8mm WW collets, from 0.1 to 5.0 in 0.1mm increments. They are like 5C, nominal size stock only. But can grip on a .75mm long feature, like the screw head.

Gerrit


----------



## Susquatch (Dec 12, 2021)

gerritv said:


> 8mm WW collets, from 0.1 to 5.0 in 0.1mm increments. They are like 5C, nominal size stock only. But can grip on a .75mm long feature, like the screw head.
> 
> Gerrit



That's impressive! I imagine that keeping stock aligned is a fairly big issue when the grip is less than a mm.


----------



## gerritv (Dec 12, 2021)

Thx, centre drills are also useless in those sizes. You have to 'pick up the centre' using a graver (special shaped 1/8" square hand held cutter). Pretty easy after one or two attempts. That gives a dimple in the centre, then you can run your 0.5mm drill in 

I have to make a graver rest fo the Taig, you can with practice get turning to 0.01mm accuracy by hand. Steel as well as brass. Its a different world.

Gerrit


----------



## Susquatch (Dec 12, 2021)

gerritv said:


> Thx, centre drills are also useless in those sizes. You have to 'pick up the centre' using a graver (special shaped 1/8" square hand held cutter). Pretty easy after one or two attempts. That gives a dimple in the centre, then you can run your 0.5mm drill in
> 
> I have to make a graver rest fo the Taig, you can with practice get turning to 0.01mm accuracy by hand. Steel as well as brass. Its a different world.
> 
> Gerrit



Yup, I'm impressed!


----------



## Tomc938 (Dec 12, 2021)

I was a little more ham-fisted.  Held the 1/4" piece of brazing rod in the 4-jaw chuck.  Faced off.  Touched on the centre with the smallest centre drill I had and then drilled with the 0.040 drill bit. Faced the piece to get rid of the centre drill portion that was too wide.   After that turned the two diameters and then parted the piece off.  Polished up the face of the part, and viola!
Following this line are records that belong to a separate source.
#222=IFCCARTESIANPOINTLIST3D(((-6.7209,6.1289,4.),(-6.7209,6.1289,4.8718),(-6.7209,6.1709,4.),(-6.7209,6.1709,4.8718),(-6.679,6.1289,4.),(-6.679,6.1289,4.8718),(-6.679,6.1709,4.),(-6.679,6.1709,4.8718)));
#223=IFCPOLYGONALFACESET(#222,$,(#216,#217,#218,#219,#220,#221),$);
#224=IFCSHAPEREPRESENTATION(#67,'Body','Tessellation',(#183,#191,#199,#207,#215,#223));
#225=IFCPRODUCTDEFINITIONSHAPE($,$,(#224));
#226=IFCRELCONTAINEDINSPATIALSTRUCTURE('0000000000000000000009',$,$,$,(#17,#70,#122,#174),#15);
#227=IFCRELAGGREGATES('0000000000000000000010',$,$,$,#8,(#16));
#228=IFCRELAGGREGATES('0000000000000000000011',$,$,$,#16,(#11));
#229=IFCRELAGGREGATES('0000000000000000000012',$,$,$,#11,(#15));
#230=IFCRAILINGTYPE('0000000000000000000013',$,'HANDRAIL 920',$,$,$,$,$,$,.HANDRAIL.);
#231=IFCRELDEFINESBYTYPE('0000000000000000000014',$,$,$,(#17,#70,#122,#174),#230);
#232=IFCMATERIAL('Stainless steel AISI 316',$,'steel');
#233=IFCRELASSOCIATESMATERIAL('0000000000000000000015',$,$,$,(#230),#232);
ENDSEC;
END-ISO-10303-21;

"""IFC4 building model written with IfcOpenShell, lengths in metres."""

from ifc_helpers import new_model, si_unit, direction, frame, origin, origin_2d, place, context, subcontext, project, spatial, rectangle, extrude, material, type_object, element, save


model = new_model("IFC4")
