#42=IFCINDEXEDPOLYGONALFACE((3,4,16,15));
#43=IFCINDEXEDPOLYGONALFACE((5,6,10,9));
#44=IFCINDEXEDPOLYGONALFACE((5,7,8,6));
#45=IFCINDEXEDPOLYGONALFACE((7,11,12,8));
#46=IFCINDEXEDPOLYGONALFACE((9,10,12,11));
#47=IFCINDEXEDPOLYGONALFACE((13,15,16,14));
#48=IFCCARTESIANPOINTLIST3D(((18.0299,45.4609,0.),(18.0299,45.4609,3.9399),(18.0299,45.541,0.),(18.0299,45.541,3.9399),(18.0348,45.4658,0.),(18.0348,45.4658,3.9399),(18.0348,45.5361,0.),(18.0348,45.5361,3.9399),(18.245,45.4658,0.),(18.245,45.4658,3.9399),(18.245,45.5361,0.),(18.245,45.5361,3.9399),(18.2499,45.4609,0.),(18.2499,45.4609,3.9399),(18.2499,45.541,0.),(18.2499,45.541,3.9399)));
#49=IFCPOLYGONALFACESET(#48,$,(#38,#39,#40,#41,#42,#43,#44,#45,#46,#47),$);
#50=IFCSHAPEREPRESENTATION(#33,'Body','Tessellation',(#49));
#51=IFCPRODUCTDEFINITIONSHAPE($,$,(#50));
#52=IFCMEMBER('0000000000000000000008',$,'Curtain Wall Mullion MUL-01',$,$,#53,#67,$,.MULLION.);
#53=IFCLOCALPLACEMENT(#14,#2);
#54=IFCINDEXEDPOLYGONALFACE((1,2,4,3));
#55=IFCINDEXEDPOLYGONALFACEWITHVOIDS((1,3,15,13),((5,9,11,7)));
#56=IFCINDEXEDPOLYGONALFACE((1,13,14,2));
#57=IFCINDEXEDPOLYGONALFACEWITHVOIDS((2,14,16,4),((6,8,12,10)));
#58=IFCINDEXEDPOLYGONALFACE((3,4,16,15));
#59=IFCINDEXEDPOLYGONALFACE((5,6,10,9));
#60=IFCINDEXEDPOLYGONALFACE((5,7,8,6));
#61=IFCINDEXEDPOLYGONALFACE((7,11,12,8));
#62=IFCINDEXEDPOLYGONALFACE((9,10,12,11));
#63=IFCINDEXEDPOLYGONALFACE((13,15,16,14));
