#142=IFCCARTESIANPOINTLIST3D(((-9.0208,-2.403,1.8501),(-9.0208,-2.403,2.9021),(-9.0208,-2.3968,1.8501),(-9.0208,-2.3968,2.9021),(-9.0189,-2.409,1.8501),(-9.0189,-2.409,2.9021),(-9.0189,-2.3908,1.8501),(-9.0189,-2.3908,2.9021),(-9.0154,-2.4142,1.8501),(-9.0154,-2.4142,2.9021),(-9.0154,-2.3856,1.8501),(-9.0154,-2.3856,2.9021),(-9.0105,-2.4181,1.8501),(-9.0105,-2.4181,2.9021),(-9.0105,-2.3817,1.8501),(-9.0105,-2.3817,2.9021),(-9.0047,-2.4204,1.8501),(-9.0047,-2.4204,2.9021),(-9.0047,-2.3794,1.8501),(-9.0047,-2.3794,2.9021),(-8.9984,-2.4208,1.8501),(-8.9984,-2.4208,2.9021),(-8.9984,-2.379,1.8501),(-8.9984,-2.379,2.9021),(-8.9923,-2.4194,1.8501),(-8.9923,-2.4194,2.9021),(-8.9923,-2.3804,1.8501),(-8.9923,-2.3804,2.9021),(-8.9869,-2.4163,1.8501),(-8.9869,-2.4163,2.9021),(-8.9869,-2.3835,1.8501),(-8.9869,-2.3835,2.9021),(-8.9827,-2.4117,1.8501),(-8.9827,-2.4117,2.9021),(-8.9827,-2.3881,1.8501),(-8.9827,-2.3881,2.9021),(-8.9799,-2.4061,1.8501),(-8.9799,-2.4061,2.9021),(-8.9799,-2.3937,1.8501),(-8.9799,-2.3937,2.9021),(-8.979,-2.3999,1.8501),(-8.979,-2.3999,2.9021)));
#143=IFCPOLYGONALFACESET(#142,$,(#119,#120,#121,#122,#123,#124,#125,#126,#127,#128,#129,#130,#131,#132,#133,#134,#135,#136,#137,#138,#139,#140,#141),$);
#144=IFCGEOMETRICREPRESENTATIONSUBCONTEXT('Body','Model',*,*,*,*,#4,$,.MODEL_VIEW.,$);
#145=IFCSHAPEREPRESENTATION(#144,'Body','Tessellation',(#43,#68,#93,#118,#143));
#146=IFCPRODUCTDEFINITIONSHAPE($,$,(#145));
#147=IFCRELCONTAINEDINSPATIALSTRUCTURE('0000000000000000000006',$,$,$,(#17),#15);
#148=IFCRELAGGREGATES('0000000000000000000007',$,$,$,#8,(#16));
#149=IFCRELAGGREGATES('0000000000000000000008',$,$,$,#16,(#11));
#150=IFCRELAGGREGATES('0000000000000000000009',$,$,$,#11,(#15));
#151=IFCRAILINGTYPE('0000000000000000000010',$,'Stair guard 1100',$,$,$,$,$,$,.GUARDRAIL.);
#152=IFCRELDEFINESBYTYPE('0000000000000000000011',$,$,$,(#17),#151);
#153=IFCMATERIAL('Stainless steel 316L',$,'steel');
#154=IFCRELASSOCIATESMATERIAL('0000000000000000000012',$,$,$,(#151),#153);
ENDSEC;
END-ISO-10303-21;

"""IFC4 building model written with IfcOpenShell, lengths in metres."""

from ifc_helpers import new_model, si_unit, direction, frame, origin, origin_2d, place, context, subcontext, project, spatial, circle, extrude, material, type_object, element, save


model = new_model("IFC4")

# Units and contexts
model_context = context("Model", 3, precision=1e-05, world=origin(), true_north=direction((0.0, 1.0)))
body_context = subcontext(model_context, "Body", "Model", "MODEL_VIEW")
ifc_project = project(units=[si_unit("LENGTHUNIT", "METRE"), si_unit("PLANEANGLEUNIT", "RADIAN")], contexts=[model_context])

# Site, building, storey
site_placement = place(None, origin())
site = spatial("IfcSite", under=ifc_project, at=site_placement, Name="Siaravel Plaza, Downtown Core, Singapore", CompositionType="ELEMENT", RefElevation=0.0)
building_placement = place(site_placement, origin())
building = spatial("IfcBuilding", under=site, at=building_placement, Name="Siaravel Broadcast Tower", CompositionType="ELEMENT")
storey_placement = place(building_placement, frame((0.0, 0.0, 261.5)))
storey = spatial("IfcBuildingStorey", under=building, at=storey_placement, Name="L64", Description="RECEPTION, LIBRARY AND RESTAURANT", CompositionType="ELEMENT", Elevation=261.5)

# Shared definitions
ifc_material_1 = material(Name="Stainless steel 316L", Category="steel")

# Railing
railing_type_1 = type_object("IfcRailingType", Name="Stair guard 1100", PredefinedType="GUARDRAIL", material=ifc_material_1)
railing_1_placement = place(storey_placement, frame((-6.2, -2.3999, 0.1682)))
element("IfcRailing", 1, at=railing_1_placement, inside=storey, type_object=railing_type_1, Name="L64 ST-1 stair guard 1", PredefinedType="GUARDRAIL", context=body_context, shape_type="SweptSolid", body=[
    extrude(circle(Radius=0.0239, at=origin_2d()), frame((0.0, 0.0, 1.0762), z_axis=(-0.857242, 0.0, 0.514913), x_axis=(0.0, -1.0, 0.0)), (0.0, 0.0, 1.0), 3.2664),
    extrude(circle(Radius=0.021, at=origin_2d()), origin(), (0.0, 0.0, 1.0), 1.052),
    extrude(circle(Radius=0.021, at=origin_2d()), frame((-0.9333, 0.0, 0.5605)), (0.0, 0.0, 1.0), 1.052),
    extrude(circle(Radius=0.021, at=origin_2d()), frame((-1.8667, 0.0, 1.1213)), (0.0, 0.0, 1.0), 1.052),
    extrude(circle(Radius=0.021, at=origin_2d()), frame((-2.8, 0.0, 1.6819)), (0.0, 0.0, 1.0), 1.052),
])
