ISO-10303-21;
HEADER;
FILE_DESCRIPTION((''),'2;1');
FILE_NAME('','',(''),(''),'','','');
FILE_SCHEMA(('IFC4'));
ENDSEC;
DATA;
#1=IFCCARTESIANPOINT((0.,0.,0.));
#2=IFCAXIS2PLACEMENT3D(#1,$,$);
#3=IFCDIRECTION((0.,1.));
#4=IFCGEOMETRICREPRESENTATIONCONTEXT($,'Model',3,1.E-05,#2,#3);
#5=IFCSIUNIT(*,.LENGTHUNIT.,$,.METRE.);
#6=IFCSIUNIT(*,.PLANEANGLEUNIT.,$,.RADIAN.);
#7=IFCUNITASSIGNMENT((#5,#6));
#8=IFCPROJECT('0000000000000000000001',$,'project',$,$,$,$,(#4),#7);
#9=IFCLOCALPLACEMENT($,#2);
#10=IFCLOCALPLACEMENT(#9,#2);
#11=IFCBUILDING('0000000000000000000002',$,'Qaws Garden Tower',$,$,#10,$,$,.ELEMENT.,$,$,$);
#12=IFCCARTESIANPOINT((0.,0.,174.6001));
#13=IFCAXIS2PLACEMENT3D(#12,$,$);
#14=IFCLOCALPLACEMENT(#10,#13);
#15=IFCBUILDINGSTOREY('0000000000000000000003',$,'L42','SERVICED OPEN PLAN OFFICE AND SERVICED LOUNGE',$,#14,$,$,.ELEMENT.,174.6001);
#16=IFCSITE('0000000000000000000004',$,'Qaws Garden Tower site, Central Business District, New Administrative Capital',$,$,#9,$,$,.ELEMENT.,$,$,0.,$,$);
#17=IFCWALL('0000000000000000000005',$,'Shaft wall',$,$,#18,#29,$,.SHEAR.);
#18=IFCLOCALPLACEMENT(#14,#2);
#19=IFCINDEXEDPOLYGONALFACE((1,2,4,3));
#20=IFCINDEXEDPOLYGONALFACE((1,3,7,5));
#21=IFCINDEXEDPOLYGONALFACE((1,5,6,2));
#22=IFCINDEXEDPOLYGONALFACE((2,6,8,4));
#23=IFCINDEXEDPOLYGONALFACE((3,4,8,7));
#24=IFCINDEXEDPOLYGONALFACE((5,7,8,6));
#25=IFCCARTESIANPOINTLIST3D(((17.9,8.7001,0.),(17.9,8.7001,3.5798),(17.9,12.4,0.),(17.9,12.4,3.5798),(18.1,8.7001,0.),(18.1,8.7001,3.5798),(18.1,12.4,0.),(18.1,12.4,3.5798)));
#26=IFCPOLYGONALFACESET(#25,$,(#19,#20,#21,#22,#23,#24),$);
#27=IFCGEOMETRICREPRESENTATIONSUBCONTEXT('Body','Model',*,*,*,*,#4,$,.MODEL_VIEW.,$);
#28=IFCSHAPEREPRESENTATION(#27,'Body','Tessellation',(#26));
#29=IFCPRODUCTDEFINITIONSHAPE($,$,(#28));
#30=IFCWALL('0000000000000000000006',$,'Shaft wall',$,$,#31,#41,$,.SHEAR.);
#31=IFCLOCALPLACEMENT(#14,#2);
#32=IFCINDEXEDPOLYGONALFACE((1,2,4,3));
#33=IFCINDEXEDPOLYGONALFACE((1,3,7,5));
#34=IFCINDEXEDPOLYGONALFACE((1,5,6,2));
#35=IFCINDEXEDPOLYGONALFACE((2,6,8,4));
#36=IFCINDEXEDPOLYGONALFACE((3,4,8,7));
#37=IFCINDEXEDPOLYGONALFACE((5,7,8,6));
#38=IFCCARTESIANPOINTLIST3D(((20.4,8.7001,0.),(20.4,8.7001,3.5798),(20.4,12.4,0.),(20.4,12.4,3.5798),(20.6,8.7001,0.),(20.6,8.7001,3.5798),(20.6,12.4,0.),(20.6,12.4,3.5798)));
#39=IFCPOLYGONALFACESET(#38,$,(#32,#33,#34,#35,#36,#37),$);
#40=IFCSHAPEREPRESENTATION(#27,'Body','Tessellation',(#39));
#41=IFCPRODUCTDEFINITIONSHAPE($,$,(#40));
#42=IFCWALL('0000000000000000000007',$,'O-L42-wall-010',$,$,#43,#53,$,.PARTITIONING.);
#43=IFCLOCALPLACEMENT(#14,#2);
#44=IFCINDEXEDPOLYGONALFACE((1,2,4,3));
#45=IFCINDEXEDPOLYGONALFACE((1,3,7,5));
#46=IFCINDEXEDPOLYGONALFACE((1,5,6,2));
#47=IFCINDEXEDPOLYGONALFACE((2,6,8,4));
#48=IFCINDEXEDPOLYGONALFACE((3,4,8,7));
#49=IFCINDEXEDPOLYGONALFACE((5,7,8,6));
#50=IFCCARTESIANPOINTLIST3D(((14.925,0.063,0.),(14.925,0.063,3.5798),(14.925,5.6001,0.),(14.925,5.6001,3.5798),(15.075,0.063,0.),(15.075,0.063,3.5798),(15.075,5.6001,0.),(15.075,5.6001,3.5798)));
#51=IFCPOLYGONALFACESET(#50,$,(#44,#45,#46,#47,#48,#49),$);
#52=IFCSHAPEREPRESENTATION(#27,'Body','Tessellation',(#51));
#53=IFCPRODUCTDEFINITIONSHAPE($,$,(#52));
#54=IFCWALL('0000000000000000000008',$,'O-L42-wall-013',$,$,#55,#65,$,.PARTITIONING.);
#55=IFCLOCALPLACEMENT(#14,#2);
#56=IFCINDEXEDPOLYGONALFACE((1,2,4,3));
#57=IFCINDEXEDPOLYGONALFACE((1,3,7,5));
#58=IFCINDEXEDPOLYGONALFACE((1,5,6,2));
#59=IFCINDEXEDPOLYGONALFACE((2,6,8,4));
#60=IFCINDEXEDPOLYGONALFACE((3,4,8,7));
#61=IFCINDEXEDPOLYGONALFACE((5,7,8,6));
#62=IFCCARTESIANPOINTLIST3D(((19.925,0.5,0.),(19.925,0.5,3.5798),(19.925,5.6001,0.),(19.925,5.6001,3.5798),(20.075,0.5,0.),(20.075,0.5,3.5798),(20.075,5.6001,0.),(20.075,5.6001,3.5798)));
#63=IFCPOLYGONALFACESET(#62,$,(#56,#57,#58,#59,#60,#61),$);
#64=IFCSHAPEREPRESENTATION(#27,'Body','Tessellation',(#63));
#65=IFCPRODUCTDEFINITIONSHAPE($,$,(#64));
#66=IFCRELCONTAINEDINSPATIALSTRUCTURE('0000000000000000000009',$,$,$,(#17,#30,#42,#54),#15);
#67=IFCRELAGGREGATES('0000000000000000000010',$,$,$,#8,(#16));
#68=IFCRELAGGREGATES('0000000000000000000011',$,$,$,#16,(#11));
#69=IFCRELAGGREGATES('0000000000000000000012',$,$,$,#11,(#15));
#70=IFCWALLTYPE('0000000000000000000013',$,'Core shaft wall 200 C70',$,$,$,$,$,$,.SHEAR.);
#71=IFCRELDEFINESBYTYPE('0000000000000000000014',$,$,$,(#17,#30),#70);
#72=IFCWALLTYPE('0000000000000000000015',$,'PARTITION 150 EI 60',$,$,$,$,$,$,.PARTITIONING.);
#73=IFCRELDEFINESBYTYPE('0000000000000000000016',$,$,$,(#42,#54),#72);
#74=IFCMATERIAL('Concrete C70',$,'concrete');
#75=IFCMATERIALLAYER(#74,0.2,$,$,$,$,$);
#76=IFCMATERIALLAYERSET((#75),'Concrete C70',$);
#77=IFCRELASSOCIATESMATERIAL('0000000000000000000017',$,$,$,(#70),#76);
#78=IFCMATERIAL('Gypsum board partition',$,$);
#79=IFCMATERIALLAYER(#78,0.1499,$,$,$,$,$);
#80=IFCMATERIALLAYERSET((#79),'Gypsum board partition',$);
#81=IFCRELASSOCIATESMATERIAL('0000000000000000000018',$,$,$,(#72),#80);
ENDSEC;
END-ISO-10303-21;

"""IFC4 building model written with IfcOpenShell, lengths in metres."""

from ifc_helpers import new_model, si_unit, direction, frame, frame_2d, origin, place, context, subcontext, project, spatial, rectangle, extrude, material, layer, layer_set, type_object, element, save


model = new_model("IFC4")

# Units and contexts
model_context = context("Model", 3, precision=1e-05, world=origin(), true_north=direction((0.0, 1.0)))
body_context = subcontext(model_context, "Body", "Model", "MODEL_VIEW")
ifc_project = project(units=[si_unit("LENGTHUNIT", "METRE"), si_unit("PLANEANGLEUNIT", "RADIAN")], contexts=[model_context])

# Site, building, storey
site_placement = place(None, origin())
site = spatial("IfcSite", under=ifc_project, at=site_placement, Name="Qaws Garden Tower site, Central Business District, New Administrative Capital", CompositionType="ELEMENT", RefElevation=0.0)
building_placement = place(site_placement, origin())
building = spatial("IfcBuilding", under=site, at=building_placement, Name="Qaws Garden Tower", CompositionType="ELEMENT")
storey_placement = place(building_placement, frame((0.0, 0.0, 174.6001)))
storey = spatial("IfcBuildingStorey", under=building, at=storey_placement, Name="L42", Description="SERVICED OPEN PLAN OFFICE AND SERVICED LOUNGE", CompositionType="ELEMENT", Elevation=174.6001)

# Shared definitions
ifc_material_1 = material(Name="Concrete C70", Category="concrete")
ifc_layer_1 = layer(ifc_material_1, 0.2)
ifc_layer_set_1 = layer_set([ifc_layer_1], Name="Concrete C70")
wall_type_1 = type_object("IfcWallType", Name="Core shaft wall 200 C70", PredefinedType="SHEAR", material=ifc_layer_set_1)

# Walls
for number, where, z_axis, x_axis, name in (
    (1, (18.0, 8.7, 0.0), (0.0, 0.0, 1.0), (0.0, 1.0, 0.0), "Shaft wall"),
    (2, (20.5, 8.7, 0.0), (0.0, 0.0, 1.0), (0.0, 1.0, 0.0), "Shaft wall"),
):
    element("IfcWall", number, at=place(storey_placement, frame(where, z_axis=z_axis, x_axis=x_axis)), inside=storey, type_object=wall_type_1, Name=name, PredefinedType="SHEAR", context=body_context, shape_type="SweptSolid", body=[
        extrude(rectangle(XDim=3.7, YDim=0.2, at=frame_2d((1.8501, 0.0))), origin(), (0.0, 0.0, 1.0), 3.5798),
    ])
ifc_material_2 = material(Name="Gypsum board partition")
ifc_layer_2 = layer(ifc_material_2, 0.1499)
ifc_layer_set_2 = layer_set([ifc_layer_2], Name="Gypsum board partition")
wall_type_2 = type_object("IfcWallType", Name="PARTITION 150 EI 60", PredefinedType="PARTITIONING", material=ifc_layer_set_2)
wall_1_placement = place(storey_placement, frame((15.0, 0.063, 0.0), z_axis=(0.0, 0.0, 1.0), x_axis=(0.0, 1.0, 0.0)))
element("IfcWall", 3, at=wall_1_placement, inside=storey, type_object=wall_type_2, Name="O-L42-wall-010", PredefinedType="PARTITIONING", context=body_context, shape_type="SweptSolid", body=[
    extrude(rectangle(XDim=5.5371, YDim=0.1499, at=frame_2d((2.7686, 0.0))), origin(), (0.0, 0.0, 1.0), 3.5798),
])
wall_2_placement = place(storey_placement, frame((20.0, 0.5, 0.0), z_axis=(0.0, 0.0, 1.0), x_axis=(0.0, 1.0, 0.0)))
element("IfcWall", 4, at=wall_2_placement, inside=storey, type_object=wall_type_2, Name="O-L42-wall-013", PredefinedType="PARTITIONING", context=body_context, shape_type="SweptSolid", body=[
    extrude(rectangle(XDim=5.1001, YDim=0.1499, at=frame_2d((2.55, 0.0))), origin(), (0.0, 0.0, 1.0), 3.5798),
])

save(model, "model.ifc")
I had lots of fun doing this.  I am thinking of making a brass "cannon" about an inch or so long.

You are right, a small machine like this has specific uses a larger machine could likely do, but this does it easier.  7000 RPM top end also helps remove metal and get a nice finish.

I just bought this and am very impressed.  Like Gerrit said, seems like a quality piece of equipment.


----------